At the faculty of mathematics study $40$ boys and $10$ girls. Every girl acquaintance with all boys, who older than her, or tall(higher) than her. Prove that there exist two boys such that the sets of acquainted-girls of the boys are same.
Problem
Source:
Tags: combinatorics proposed, combinatorics
R8450932
12.02.2018 18:52
Any solution? Generally what ideas can be used in this kind of problems? Does anyone know similar problems?
Bad_Math
12.02.2018 22:53
This seems like a Dirichlet's (Pigeonhole) Principle problem. We might be able to prove that there can only exist 39 boys so that each of their girl-sets is different, so two of them must have the same one. If you just google I am sure you can find problems on this.
R8450932
12.02.2018 23:26
Bad_Math wrote:
This seems like a Dirichlet's (Pigeonhole) Principle problem. We might be able to prove that there can only exist 39 boys so that each of their girl-sets is different, so two of them must have the same one. If you just google I am sure you can find problems on this.
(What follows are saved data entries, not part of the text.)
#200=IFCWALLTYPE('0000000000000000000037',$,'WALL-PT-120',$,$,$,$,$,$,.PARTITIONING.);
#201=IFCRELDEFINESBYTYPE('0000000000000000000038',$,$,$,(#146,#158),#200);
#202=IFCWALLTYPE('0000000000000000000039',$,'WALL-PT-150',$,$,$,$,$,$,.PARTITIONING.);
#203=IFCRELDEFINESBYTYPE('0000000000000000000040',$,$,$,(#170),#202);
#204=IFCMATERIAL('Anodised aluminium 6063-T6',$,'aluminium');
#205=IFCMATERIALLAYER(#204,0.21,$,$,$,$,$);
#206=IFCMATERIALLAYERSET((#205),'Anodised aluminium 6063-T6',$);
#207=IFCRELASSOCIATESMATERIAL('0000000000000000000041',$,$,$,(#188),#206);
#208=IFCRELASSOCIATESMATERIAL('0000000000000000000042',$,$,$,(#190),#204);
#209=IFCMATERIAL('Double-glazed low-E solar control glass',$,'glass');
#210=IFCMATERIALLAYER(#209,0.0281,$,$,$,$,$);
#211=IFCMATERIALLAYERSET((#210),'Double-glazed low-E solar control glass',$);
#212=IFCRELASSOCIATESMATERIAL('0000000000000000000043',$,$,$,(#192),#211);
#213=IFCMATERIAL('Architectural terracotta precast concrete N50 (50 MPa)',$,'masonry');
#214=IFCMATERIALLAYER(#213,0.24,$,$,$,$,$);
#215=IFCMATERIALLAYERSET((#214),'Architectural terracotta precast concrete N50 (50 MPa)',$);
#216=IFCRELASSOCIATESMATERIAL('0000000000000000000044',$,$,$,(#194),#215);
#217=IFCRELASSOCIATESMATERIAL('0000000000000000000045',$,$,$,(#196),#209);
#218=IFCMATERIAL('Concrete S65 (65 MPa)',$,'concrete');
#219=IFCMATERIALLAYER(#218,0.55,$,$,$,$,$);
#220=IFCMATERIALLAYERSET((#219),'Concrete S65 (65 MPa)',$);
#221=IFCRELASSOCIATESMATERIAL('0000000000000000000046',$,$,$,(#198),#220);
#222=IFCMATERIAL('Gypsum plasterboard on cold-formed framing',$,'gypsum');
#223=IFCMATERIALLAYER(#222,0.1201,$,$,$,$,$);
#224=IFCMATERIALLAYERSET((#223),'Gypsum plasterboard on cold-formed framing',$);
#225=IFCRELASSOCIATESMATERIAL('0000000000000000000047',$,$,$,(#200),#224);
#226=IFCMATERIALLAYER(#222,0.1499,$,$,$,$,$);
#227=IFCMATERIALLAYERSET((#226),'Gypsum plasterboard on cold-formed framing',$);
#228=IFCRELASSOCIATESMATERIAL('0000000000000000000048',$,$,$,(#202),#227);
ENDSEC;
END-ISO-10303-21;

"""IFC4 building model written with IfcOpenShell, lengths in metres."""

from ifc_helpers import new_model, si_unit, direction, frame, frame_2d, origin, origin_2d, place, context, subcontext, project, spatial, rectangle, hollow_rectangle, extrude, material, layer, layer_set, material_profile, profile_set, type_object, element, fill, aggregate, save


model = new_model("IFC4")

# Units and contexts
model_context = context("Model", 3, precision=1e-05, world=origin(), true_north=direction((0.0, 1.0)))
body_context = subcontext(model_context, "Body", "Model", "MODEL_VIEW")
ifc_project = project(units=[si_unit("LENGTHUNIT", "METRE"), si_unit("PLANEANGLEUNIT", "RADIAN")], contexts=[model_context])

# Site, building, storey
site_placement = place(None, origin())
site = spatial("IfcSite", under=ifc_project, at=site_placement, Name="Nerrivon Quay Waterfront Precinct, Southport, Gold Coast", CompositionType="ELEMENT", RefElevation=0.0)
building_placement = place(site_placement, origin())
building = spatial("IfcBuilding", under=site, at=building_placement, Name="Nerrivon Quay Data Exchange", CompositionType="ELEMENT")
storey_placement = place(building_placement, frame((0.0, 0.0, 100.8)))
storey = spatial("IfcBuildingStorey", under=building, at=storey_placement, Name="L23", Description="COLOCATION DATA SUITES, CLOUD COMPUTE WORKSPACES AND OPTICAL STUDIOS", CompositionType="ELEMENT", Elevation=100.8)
Hmm İ am not sure how it works ad I would not say Pigeonhole easily destroys Russian problem
ColaTurka_2
26.06.2018 06:05
I tried Pigeonhole on the problem. Supposedly we have to ensure that there is less than 40 boxes there. But I got 56 boxes if the girls is set ascending in age but descended in the order of height.
akhan98
20.01.2022 11:35
Consider girls with tallness x, age y on 2d coordinate plane. Then if she is friend with everyone taller, that is all boys in the right half plane from her (let's say there are k of those girls). Similarly if she is friend with everyone older than her it is upper half of the plane (l of those girls). So we have k vertical and l horizontal lines dividing our plane into (k + 1) * (l + 1) regions, given l + k = 10, maximum value is 36 regions. Thus two guys will fall into the same region, which will ensure they are friends with the same set of girls.